A final trigger to radicalization and violence of growing concern is the Islamic jihadi Web site. After al-Qaeda and its affiliated groups lost their sanctuary in Afghanistan, counterterrorism experts began seeing a proliferation of such Web sites on the Internet. From just a handful at the turn of the century, intelligence experts are now tracking more than 5,000 Web sites today, and that number continues to climb. The radical Islamists are now so adept at using the Internet to recruit, indoctrinate, and communicate that intelligence experts talk about the emergence of a terrorist "sanctuary in cyberspace."

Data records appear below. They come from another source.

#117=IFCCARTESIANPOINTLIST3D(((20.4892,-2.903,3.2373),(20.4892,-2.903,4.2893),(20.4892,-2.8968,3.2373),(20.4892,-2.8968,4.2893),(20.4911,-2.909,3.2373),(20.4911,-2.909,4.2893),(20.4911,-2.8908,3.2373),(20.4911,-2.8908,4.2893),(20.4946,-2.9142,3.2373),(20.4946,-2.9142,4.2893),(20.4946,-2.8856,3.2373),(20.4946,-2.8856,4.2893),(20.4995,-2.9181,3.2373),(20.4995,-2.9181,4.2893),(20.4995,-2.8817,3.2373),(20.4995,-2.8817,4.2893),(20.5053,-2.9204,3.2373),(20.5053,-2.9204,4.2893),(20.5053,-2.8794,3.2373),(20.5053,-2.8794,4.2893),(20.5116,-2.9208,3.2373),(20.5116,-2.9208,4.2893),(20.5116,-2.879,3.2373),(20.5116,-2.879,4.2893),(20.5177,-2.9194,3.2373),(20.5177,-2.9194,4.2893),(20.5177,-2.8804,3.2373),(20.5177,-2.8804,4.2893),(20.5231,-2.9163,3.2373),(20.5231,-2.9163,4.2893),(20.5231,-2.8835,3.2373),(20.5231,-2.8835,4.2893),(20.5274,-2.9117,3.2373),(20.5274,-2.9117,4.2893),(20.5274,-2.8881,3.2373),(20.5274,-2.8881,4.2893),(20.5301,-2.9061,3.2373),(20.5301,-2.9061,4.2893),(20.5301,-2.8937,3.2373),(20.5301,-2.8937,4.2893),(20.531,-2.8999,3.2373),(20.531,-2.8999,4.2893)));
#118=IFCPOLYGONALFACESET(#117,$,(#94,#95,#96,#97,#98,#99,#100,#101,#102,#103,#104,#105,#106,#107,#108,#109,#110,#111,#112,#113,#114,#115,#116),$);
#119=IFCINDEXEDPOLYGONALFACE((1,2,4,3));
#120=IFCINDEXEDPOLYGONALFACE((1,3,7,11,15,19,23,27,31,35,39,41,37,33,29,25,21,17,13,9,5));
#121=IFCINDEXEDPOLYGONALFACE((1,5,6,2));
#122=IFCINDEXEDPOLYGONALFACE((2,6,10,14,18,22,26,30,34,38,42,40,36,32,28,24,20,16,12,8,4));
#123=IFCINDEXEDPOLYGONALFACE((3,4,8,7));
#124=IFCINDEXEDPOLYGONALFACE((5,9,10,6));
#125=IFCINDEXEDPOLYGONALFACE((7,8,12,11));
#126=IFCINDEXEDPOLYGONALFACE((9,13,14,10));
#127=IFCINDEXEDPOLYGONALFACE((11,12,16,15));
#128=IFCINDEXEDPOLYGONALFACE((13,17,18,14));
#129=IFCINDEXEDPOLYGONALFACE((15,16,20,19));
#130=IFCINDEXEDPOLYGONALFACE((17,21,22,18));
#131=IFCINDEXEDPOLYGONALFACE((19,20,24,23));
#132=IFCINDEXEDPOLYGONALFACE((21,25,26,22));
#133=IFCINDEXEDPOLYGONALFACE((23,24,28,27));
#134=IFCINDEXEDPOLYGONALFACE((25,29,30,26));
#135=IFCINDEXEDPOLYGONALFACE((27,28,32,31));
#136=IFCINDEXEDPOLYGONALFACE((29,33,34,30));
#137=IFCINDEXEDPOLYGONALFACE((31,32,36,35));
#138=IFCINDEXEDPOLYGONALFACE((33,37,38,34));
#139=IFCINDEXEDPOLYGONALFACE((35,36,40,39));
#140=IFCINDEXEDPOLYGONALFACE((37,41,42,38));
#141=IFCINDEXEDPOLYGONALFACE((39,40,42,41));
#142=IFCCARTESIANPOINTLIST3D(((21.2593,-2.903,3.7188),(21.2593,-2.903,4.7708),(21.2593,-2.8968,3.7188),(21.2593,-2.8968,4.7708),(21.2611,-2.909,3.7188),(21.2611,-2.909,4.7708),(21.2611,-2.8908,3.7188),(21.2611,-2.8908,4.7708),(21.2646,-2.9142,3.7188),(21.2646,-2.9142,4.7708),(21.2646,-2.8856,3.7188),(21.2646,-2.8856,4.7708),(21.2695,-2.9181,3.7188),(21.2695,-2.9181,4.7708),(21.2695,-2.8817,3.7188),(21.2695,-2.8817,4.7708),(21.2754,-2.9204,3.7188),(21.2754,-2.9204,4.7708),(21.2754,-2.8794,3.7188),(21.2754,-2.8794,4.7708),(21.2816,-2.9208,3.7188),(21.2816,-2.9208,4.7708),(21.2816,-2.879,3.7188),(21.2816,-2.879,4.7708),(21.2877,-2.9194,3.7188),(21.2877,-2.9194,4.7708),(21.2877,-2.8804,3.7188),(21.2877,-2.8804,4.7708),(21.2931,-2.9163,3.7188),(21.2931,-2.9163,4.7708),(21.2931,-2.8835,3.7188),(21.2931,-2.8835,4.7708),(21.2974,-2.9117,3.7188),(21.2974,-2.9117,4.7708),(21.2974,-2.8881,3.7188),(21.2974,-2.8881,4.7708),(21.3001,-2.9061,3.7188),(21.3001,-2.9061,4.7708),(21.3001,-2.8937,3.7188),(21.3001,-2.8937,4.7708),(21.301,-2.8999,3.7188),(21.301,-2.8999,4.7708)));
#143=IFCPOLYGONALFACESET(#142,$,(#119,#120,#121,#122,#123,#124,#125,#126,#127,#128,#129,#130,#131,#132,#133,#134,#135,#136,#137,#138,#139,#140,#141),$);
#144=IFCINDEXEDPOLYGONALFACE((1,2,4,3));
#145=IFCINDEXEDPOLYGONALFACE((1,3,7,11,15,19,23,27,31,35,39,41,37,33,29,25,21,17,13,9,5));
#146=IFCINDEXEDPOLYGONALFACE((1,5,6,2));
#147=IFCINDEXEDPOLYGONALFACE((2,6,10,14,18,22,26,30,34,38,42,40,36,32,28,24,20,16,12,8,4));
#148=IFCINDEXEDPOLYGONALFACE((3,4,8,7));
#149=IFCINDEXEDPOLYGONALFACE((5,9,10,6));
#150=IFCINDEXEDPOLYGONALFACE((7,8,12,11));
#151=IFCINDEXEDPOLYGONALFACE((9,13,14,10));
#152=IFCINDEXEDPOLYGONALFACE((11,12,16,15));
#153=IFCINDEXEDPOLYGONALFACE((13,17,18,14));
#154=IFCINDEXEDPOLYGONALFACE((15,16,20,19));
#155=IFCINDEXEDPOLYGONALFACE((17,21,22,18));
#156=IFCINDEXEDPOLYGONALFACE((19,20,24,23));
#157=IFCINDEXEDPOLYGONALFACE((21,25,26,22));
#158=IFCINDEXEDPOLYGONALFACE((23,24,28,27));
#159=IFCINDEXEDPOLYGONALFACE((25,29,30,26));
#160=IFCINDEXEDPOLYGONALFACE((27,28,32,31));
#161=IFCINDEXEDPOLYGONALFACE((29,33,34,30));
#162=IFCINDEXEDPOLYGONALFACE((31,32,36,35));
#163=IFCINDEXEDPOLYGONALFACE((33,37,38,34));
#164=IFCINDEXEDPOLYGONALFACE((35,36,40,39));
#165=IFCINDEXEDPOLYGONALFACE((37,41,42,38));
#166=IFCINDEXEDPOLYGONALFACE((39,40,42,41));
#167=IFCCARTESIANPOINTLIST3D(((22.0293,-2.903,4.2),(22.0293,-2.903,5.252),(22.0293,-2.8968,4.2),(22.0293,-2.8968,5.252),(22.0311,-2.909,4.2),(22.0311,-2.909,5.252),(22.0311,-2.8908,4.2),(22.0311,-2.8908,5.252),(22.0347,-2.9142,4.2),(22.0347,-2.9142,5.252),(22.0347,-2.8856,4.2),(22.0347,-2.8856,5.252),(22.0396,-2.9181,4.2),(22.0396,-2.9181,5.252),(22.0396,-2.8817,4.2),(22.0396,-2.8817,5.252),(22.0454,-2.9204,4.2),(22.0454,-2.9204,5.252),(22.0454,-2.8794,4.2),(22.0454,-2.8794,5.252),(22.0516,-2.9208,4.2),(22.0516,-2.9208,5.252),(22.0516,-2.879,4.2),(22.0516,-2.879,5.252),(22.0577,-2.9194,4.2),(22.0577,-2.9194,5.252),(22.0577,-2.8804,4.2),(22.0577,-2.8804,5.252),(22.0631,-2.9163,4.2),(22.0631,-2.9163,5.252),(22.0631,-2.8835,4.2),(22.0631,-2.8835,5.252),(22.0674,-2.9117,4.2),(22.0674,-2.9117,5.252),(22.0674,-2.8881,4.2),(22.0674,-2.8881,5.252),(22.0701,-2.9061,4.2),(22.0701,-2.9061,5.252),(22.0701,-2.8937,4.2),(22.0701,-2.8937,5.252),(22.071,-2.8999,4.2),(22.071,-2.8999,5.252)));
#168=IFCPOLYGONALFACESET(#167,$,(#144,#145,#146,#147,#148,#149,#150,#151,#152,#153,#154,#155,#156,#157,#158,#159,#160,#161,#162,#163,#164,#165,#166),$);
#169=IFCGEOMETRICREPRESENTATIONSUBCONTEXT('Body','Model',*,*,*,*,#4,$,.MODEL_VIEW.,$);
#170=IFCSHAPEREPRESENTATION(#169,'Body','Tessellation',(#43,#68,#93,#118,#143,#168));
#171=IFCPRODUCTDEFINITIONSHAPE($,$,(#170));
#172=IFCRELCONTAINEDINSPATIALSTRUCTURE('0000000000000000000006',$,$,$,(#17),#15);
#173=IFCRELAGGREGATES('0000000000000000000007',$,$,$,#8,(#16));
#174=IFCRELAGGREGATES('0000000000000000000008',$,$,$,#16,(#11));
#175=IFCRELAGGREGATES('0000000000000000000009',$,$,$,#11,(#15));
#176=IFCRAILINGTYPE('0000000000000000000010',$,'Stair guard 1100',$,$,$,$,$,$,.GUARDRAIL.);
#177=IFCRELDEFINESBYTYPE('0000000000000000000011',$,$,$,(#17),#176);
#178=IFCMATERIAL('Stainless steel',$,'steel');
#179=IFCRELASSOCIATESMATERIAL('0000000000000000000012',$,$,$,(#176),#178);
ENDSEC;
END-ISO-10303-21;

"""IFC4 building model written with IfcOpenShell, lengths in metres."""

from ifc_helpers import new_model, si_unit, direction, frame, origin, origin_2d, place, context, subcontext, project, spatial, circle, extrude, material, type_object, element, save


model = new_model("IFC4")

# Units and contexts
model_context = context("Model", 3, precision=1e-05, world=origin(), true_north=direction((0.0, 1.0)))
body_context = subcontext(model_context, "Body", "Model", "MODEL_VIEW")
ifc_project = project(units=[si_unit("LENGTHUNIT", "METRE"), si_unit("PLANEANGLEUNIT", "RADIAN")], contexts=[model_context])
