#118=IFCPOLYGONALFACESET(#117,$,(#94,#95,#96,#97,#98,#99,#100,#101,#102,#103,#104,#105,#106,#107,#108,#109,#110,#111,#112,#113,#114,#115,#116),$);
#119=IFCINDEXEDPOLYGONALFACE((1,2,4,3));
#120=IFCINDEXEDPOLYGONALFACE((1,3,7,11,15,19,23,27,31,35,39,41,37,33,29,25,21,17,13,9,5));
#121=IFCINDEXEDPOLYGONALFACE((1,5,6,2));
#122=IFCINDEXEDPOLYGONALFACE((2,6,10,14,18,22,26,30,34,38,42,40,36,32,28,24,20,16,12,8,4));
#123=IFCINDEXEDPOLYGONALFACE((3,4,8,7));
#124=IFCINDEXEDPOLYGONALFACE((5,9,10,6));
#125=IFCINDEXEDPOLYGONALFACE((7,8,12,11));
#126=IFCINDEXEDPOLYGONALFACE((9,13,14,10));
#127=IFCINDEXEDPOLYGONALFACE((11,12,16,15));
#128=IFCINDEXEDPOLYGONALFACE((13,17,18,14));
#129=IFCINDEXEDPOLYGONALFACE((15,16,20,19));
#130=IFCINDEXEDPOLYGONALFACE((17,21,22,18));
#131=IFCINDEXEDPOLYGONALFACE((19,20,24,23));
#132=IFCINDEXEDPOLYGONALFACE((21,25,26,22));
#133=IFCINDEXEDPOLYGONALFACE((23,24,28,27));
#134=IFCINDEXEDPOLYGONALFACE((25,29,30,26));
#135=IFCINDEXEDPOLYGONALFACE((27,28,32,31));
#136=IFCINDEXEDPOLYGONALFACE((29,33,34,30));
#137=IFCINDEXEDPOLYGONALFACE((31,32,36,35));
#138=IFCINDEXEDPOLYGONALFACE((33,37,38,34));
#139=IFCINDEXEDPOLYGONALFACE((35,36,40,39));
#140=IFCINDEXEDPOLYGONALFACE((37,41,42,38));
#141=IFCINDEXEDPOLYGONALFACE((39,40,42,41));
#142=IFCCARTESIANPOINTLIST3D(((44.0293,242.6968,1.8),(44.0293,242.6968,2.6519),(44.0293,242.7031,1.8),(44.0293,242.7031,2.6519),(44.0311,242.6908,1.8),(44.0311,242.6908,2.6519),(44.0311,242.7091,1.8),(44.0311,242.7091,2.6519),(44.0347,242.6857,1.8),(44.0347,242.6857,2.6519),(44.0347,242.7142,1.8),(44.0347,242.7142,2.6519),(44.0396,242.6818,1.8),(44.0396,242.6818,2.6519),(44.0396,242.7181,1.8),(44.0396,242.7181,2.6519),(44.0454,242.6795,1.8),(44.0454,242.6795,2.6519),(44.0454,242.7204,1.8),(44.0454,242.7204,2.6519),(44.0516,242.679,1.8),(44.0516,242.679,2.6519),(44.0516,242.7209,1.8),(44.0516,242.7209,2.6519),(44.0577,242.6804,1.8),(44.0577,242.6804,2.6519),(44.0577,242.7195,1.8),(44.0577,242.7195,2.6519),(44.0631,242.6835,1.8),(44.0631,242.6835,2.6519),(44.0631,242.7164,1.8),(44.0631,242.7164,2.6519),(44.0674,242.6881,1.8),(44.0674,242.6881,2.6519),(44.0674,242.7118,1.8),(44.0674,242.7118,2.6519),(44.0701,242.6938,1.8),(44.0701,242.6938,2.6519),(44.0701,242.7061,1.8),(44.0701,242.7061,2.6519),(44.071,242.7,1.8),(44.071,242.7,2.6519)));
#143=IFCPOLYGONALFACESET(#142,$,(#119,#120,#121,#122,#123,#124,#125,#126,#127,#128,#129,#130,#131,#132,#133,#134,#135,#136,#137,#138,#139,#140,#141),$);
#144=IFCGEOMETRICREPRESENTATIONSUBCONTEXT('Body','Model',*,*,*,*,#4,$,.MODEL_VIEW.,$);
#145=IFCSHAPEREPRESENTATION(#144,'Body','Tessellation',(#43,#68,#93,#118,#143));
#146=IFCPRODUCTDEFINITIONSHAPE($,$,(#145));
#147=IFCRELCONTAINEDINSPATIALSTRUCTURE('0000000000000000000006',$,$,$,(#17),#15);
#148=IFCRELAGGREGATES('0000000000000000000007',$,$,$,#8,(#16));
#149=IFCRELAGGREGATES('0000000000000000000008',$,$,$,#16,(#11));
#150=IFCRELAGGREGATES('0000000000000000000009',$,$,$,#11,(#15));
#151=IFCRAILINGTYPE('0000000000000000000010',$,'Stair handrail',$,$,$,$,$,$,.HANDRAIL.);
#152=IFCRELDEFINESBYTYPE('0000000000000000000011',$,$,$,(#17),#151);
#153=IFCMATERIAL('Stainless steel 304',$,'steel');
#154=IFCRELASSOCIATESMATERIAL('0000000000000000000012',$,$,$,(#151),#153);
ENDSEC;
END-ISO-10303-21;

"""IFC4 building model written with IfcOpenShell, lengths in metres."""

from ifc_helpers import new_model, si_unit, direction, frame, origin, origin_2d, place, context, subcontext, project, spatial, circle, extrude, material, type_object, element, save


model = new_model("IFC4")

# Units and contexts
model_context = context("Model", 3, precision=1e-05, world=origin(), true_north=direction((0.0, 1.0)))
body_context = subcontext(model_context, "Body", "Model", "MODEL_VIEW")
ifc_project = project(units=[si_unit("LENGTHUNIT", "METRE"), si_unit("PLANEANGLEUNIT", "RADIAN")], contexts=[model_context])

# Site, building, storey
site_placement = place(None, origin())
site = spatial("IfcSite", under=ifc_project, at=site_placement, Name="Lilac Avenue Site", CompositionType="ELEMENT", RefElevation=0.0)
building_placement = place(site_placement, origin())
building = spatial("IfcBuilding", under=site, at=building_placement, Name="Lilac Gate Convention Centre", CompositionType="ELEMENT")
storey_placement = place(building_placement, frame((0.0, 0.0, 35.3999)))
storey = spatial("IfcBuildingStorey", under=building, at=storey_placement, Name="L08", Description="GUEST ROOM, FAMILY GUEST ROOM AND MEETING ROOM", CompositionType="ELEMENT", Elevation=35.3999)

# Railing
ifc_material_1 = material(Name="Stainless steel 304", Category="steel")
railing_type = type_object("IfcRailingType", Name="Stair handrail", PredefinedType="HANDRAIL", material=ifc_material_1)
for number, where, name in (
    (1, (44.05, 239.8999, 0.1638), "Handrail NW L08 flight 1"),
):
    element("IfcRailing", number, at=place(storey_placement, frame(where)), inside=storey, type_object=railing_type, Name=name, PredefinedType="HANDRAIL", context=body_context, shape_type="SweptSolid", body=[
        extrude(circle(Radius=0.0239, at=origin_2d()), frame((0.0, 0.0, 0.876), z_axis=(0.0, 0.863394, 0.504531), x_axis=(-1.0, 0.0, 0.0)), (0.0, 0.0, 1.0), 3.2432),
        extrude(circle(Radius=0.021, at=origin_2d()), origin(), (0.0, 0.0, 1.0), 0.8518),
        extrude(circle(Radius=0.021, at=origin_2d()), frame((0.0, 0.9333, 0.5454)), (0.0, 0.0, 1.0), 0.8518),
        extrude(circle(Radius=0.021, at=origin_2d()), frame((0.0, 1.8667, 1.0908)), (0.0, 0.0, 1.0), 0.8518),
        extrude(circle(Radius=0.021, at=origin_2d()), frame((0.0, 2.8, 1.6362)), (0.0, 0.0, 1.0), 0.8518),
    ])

"The United States has focused its public diplomacy outreach on Arabic-language television and radio stations, which are important in terms of keeping Muslim moderates who get their news from traditional sources from becoming radicals," said Bruce Hoffman. "But increasingly the Internet is connecting young Islamists with violent inclinations to one another and giving them a sense of empowerment. Countering these jihadist Web sites in a way that keeps these Islamic radicals from actually reaching the tipping point to violence is critical. The truth is, if we don't reverse the tide of Islamic radicalization we won't have enough bullets to kill all the potential terrorists who might take up arms against us."